QuickISOImage

Please note! This wiki is no longer maintained. Our documentation has moved to https://securityonion.net/docs/. Please update your bookmarks. You can find the latest version of this page at: https://securityonion.net/docs/QuickISOImage.

If you just want to quickly evaluate Security Onion using our ISO image:

1. First, review the Hardware Requirements page.
2. Review the Release Notes page.
3. Download and verify our Security Onion ISO image.
4. Boot the ISO image.
5. At the ISO boot menu, choose the default option.
6. Once the live desktop appears, double-click the "Install SecurityOnion" icon.
7. Follow the prompts in the installer. If prompted with an encrypt home folder or encrypt partition option, DO NOT enable this feature. If asked about automatic updates, DO NOT enable automatic updates. Reboot into your new installation. Login using the username/password you specified during installation.
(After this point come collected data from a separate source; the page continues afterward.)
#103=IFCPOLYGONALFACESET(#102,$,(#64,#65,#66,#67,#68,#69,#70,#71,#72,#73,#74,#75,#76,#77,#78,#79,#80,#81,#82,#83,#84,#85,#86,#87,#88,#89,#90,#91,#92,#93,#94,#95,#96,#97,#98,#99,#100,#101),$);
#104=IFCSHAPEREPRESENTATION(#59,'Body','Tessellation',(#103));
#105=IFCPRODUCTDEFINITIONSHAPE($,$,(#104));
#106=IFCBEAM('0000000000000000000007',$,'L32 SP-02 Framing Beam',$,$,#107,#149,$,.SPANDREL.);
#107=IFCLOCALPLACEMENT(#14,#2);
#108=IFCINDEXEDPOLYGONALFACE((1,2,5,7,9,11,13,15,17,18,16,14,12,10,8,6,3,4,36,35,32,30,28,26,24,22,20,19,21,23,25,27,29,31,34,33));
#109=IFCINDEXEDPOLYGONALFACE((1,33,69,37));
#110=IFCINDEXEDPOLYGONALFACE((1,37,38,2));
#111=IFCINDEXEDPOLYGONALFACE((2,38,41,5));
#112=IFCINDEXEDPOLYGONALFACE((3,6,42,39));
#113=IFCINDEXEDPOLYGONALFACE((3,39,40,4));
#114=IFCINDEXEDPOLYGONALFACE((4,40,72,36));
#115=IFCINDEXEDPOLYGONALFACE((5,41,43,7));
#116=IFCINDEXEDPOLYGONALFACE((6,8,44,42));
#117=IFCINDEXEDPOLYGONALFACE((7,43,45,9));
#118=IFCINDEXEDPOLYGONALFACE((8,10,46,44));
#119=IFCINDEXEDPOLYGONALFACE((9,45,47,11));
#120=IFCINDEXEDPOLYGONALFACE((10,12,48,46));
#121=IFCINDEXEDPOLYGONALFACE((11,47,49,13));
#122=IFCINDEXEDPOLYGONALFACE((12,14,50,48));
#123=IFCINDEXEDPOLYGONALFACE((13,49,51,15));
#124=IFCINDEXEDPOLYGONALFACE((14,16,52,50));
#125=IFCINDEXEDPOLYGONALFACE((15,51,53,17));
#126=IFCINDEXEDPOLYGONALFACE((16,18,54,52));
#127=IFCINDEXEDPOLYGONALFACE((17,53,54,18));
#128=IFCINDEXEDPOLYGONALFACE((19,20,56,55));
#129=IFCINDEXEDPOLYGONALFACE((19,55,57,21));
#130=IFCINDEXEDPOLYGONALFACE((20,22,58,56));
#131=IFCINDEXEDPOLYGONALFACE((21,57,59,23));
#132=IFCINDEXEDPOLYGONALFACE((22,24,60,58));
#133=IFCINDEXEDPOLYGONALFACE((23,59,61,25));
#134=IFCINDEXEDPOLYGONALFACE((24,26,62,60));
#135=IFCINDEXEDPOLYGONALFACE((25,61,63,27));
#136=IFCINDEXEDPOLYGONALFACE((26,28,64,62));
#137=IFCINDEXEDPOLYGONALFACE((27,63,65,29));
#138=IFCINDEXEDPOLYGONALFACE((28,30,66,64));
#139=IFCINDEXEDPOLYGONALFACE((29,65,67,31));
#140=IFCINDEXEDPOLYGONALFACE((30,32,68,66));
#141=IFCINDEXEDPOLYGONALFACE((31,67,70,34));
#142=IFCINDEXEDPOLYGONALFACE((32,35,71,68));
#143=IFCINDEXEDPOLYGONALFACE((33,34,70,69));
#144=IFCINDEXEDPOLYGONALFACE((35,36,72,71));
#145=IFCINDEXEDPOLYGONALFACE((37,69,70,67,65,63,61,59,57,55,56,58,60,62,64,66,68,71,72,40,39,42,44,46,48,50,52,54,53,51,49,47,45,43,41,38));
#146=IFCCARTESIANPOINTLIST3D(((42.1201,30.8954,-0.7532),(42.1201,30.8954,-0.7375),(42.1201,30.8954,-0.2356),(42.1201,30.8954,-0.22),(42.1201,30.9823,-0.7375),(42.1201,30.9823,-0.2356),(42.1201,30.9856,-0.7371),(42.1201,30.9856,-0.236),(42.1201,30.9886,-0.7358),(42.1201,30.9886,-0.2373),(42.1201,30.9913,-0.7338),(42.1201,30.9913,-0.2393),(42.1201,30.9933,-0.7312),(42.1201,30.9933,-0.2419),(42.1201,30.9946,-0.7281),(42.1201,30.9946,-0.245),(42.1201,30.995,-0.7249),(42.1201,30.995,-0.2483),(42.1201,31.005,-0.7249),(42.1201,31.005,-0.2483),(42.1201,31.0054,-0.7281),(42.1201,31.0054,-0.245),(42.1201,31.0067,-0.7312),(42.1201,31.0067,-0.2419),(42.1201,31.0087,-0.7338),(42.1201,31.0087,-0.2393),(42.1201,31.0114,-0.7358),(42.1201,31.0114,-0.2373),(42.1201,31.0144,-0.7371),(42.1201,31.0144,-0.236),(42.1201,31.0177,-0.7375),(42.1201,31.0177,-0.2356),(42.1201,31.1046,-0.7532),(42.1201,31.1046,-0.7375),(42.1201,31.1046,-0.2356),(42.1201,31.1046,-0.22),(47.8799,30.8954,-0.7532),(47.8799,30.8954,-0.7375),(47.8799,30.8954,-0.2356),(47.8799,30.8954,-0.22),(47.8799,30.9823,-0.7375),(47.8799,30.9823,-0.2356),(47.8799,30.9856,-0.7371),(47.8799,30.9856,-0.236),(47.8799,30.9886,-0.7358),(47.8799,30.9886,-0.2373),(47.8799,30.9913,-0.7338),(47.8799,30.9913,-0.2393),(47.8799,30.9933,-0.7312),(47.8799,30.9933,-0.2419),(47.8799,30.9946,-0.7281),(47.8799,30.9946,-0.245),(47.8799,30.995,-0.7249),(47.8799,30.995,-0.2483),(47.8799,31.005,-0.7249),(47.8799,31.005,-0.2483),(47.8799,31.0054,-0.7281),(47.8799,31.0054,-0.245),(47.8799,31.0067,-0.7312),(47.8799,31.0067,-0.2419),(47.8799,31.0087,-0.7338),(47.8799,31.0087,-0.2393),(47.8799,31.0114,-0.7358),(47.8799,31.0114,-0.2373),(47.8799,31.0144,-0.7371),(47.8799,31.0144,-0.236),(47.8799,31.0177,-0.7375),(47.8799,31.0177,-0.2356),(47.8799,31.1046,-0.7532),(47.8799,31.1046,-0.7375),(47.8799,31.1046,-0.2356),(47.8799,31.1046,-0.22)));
8. Verify that you have Internet connectivity. If necessary, configure your proxy settings.
9. Install updates and reboot. If you get any errors relating to MySQL, please see MySQL-Upgrade-Errors.
10. Double-click the Setup icon. The Setup wizard will walk you through configuring /etc/network/interfaces and will then reboot.
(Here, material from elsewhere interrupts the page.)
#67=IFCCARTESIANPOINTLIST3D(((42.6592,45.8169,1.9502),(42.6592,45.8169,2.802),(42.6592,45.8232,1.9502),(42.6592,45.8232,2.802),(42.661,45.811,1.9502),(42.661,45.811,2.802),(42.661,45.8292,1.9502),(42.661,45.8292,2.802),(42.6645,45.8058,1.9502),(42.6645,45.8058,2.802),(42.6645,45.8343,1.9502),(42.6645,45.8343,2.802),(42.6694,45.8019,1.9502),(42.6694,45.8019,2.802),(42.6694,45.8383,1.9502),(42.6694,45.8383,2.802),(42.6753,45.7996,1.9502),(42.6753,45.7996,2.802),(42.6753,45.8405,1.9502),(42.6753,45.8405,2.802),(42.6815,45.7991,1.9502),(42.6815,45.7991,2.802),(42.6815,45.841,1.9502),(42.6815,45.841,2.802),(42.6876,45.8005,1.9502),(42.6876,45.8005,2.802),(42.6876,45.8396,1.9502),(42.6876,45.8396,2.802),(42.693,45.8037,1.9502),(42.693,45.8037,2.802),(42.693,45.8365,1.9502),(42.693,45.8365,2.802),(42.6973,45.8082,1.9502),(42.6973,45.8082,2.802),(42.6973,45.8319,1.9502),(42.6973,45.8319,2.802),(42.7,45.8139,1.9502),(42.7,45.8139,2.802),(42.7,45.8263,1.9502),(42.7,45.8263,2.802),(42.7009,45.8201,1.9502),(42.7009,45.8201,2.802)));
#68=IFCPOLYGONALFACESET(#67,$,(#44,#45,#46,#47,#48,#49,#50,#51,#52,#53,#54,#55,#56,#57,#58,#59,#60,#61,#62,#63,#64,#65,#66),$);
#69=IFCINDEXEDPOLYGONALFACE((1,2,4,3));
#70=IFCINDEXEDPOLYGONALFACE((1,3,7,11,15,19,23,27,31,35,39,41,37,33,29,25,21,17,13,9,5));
11. After rebooting, log back in and start the Setup wizard again. It will detect that you have already configured /etc/network/interfaces and will walk you through the rest of the configuration. When prompted for Evaluation Mode or Production Mode, choose Evaluation Mode.
12. Once you've completed the Setup wizard, use the Desktop icons to login to Sguil, Squert, or Kibana.
13. Finally, review the Post Installation page.